Fast Replica Rebuild

Longhorn supports fast replica rebuilding based on the checksums of snapshot disk files.

Introduction

The legacy replica rebuilding process walks through all snapshot disk files. For each data block, the client (healthy replica) hashes the local data block as well as requests the checksum of the corresponding data block on the remote side (rebuilt replica). Then, the client compares the two checksums to determine if the data block needs to be sent to the remote side and override the data block. Thus, it is an IO- and computing-intensive process, especially if the volume is large or contains a large number of snapshot files.

If users enable the snapshot data integrity check feature by configuring snapshot-data-integrity to enabled or fast-check, the change timestamps and the checksums of snapshot disk files are recorded. As long as the two below conditions are met, we can skip the synchronization of the snapshot disk file.

  • The change timestamps on the snapshot disk file and the value recorded are the same.
  • Both the local and remote snapshot disk files have the same checksum.

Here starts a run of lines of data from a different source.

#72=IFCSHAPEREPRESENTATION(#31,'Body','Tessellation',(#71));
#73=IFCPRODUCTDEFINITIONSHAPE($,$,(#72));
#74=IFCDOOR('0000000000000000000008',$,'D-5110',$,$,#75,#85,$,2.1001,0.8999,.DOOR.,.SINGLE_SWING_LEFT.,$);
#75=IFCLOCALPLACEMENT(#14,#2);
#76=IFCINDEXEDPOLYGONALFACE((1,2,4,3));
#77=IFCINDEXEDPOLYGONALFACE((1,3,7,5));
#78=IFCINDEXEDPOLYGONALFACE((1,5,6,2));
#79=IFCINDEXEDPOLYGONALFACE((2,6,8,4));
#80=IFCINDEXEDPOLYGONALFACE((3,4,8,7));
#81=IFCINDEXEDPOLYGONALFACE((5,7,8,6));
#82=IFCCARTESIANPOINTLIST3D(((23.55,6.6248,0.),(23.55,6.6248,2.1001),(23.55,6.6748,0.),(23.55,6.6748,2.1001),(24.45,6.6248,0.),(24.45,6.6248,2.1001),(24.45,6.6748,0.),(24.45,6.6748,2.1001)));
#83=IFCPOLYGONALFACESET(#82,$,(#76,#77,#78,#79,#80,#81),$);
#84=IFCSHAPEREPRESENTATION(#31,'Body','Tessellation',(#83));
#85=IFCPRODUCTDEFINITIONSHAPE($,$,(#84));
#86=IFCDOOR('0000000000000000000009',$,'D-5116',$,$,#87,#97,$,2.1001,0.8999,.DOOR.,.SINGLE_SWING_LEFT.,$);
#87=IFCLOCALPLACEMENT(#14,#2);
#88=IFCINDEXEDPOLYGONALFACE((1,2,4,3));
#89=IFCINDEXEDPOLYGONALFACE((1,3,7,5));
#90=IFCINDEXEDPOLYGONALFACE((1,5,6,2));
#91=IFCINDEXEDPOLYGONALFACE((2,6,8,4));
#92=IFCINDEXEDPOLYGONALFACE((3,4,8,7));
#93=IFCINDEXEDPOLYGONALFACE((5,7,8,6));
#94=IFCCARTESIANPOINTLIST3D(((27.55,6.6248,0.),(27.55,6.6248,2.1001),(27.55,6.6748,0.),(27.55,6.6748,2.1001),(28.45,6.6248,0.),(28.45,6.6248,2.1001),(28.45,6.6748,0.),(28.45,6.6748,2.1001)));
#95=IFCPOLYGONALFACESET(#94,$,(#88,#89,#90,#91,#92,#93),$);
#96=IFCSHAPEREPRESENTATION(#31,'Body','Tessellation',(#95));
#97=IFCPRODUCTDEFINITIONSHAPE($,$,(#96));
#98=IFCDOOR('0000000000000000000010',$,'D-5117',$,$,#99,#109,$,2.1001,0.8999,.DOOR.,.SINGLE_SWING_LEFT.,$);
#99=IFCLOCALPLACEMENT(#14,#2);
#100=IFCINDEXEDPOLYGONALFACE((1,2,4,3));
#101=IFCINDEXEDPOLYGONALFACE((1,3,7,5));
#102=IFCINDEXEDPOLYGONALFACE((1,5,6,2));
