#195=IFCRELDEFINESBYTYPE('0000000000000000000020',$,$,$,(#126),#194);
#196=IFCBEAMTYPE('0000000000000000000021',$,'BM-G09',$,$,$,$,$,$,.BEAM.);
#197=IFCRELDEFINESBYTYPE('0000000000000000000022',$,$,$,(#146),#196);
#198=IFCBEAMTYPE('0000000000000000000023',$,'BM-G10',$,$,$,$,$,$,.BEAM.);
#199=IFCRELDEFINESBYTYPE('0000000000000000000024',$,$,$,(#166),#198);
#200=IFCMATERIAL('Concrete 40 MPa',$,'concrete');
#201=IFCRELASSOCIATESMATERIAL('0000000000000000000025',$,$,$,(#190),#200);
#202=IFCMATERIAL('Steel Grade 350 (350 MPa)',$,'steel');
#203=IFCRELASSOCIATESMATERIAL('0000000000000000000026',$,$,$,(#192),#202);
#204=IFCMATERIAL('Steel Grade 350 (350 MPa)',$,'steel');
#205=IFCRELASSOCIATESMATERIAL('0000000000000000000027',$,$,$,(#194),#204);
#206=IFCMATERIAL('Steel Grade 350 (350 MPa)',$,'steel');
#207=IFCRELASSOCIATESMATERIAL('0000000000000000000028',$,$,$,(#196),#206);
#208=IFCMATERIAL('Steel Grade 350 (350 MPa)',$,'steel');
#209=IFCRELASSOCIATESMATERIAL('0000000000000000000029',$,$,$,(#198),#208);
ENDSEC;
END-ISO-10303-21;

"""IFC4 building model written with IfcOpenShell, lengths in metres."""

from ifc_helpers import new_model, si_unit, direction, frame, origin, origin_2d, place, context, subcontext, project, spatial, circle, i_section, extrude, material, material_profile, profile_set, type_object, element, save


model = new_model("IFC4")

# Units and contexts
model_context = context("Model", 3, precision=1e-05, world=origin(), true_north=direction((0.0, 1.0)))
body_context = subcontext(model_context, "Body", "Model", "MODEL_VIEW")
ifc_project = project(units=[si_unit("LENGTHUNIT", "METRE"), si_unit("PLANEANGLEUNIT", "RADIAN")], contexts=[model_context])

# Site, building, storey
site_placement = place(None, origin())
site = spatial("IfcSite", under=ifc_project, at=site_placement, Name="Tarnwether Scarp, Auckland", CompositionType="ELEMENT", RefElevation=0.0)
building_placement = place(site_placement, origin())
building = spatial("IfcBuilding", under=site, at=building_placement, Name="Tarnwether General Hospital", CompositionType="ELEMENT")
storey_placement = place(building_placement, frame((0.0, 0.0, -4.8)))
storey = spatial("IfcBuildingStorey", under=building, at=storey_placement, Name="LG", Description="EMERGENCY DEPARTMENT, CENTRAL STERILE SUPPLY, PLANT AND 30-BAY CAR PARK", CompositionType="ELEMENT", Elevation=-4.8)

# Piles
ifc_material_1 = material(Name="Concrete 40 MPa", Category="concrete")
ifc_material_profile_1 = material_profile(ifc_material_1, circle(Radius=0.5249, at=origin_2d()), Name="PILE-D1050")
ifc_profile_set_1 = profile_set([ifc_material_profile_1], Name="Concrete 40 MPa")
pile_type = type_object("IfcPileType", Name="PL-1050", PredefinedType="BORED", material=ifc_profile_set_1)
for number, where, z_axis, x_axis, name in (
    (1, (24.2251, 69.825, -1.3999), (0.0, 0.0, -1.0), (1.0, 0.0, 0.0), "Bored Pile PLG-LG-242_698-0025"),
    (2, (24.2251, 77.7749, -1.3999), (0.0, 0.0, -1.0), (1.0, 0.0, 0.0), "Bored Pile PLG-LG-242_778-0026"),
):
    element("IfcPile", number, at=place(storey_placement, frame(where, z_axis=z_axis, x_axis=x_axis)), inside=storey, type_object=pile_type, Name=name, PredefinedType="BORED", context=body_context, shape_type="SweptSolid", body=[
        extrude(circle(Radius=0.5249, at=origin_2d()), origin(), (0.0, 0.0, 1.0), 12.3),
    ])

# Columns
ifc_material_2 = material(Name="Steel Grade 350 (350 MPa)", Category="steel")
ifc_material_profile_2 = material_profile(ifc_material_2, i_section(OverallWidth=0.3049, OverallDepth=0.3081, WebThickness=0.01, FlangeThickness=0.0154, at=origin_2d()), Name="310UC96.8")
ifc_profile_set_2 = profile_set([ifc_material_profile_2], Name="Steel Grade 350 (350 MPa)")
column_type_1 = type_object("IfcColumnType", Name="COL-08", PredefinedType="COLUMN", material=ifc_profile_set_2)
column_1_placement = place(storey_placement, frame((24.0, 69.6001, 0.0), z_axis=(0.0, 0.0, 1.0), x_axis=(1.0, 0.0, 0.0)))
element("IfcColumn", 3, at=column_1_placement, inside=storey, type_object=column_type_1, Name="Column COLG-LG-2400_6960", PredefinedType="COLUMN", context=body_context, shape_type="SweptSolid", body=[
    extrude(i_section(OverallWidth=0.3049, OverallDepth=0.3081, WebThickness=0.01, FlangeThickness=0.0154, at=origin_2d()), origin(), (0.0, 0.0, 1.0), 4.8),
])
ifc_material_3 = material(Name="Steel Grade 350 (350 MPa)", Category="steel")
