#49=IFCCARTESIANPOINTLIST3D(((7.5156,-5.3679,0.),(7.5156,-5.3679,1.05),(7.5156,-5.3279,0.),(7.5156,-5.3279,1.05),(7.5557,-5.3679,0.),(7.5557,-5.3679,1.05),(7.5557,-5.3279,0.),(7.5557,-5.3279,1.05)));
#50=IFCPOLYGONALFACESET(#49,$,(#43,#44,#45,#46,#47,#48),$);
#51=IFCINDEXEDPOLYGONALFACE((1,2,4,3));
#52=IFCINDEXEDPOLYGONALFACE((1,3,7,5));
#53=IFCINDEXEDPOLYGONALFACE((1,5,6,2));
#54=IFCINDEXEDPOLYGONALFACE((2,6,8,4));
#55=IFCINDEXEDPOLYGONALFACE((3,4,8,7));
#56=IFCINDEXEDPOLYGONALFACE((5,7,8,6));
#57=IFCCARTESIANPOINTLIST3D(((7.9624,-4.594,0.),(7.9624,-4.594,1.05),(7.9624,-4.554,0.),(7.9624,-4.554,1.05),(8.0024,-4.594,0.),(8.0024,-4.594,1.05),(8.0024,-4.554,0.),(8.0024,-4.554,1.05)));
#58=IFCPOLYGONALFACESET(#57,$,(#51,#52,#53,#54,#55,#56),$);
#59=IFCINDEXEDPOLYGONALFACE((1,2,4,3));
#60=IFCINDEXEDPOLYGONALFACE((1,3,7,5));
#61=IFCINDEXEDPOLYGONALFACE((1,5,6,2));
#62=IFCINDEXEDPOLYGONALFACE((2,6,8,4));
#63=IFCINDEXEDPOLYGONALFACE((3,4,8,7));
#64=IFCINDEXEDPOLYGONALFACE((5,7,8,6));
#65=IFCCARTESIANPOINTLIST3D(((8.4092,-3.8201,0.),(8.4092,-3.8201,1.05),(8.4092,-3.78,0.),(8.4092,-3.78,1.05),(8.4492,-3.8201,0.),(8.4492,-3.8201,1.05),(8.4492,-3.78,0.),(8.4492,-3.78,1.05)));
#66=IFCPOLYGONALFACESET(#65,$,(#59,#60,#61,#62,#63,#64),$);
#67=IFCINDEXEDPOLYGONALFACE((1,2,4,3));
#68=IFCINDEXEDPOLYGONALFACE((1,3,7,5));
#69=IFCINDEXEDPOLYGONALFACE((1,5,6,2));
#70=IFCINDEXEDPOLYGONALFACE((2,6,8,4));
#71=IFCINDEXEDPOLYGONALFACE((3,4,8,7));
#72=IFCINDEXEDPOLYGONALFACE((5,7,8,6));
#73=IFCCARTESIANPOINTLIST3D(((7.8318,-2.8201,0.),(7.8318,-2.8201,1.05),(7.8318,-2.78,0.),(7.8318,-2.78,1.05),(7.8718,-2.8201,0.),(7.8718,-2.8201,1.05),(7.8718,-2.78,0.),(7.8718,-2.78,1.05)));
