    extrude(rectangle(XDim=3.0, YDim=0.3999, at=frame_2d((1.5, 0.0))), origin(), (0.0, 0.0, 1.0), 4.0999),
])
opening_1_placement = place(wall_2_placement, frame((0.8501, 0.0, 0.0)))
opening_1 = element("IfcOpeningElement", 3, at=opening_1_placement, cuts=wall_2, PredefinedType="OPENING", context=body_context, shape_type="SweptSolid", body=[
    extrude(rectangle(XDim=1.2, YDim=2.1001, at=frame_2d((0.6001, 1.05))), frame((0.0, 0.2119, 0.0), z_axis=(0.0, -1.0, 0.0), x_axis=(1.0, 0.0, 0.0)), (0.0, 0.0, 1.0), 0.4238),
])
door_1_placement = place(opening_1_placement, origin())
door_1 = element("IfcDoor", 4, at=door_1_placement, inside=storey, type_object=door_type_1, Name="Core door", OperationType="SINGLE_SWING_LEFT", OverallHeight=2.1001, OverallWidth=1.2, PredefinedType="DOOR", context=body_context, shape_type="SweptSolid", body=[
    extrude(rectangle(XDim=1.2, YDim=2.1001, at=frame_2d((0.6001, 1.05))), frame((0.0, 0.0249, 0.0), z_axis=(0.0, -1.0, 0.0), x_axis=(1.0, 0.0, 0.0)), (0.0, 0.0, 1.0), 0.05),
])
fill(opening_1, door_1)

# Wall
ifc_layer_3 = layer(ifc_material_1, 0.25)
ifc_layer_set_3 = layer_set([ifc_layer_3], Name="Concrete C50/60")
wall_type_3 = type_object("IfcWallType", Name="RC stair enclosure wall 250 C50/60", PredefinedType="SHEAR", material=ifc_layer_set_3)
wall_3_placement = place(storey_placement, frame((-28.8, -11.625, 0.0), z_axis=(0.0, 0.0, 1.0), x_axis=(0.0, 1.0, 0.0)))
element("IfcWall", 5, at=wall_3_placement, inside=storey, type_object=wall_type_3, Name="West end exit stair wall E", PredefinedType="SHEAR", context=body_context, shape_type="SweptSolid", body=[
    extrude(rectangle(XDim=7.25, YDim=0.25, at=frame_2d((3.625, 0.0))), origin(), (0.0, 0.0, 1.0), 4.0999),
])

Then, a reduction in the number of unnecessary computations can speed up the entire process as well as reduce the impact on the system performance.

Settings

Global Settings

  • fast-replica-rebuild-enabled

    The setting enables fast replica rebuilding feature. It relies on the checksums of snapshot disk files, so setting the snapshot-data-integrity to enable or fast-check is a prerequisite. Please refer to Snapshot Data Integrity Check.